Since its introduction in 1957, Lloyd’s algorithm for k-means clustering has been extensively studied and has undergone several improvements. While in its original form it does not guarantee any approximation factor at all, Arthur and Vassilvitskii (SODA 2007) proposed k-means++ which enhances Lloyd’s algorithm by a seeding method which guarantees a 𝒪(log k)-approximation in expectation. More recently, Lattanzi and Sohler (ICML 2019) proposed LS++ which further improves the solution quality of k-means++ by local search techniques to obtain a 𝒪(1)-approximation. On the practical side, the greedy variant of k-means++ is often used although its worst-case behaviour is provably worse than for the standard k-means++ variant.

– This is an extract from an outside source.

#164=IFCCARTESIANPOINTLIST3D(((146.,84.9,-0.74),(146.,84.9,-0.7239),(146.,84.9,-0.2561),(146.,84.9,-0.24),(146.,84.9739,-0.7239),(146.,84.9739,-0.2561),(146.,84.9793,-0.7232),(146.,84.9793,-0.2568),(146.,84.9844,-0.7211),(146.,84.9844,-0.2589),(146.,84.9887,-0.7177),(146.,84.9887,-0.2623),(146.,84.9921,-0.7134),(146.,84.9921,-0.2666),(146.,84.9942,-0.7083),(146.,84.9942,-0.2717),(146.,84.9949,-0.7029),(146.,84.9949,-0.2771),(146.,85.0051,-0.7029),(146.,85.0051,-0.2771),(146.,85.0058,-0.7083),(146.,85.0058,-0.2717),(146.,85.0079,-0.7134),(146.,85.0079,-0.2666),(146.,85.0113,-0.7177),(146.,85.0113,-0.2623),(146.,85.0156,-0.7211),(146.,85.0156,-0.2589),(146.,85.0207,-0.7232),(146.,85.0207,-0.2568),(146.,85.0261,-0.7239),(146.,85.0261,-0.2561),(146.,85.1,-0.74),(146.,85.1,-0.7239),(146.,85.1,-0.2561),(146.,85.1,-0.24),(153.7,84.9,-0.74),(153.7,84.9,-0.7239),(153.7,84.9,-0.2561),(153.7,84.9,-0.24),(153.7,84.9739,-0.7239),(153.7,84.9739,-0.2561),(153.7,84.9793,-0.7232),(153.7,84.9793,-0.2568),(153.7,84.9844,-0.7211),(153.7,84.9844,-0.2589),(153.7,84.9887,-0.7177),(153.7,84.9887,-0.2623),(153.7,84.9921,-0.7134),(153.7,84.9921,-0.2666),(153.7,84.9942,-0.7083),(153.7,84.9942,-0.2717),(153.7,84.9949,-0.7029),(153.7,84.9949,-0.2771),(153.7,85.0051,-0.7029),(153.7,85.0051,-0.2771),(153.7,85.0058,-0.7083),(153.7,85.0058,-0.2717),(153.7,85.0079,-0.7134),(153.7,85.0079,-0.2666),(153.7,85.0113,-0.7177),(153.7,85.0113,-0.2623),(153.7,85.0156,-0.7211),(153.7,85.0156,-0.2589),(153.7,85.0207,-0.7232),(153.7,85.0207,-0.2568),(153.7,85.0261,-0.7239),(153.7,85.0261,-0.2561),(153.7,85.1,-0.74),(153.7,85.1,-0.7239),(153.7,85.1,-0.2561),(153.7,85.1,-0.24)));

We investigate how to improve LS++ further in practice. We study two options for improving the practical performance: (a) Combining LS++ with greedy k-means++ instead of k-means++, and (b) Improving LS++ by better entangling it with Lloyd’s algorithm. Option (a) worsens the theoretical guarantees of k-means++ but improves the practical quality also in combination with LS++ as we confirm in our experiments. Option (b) is our new algorithm, Foresight LS++. We experimentally show that FLS++ improves upon the solution quality of LS++. It retains its asymptotic runtime and its worst-case approximation bounds.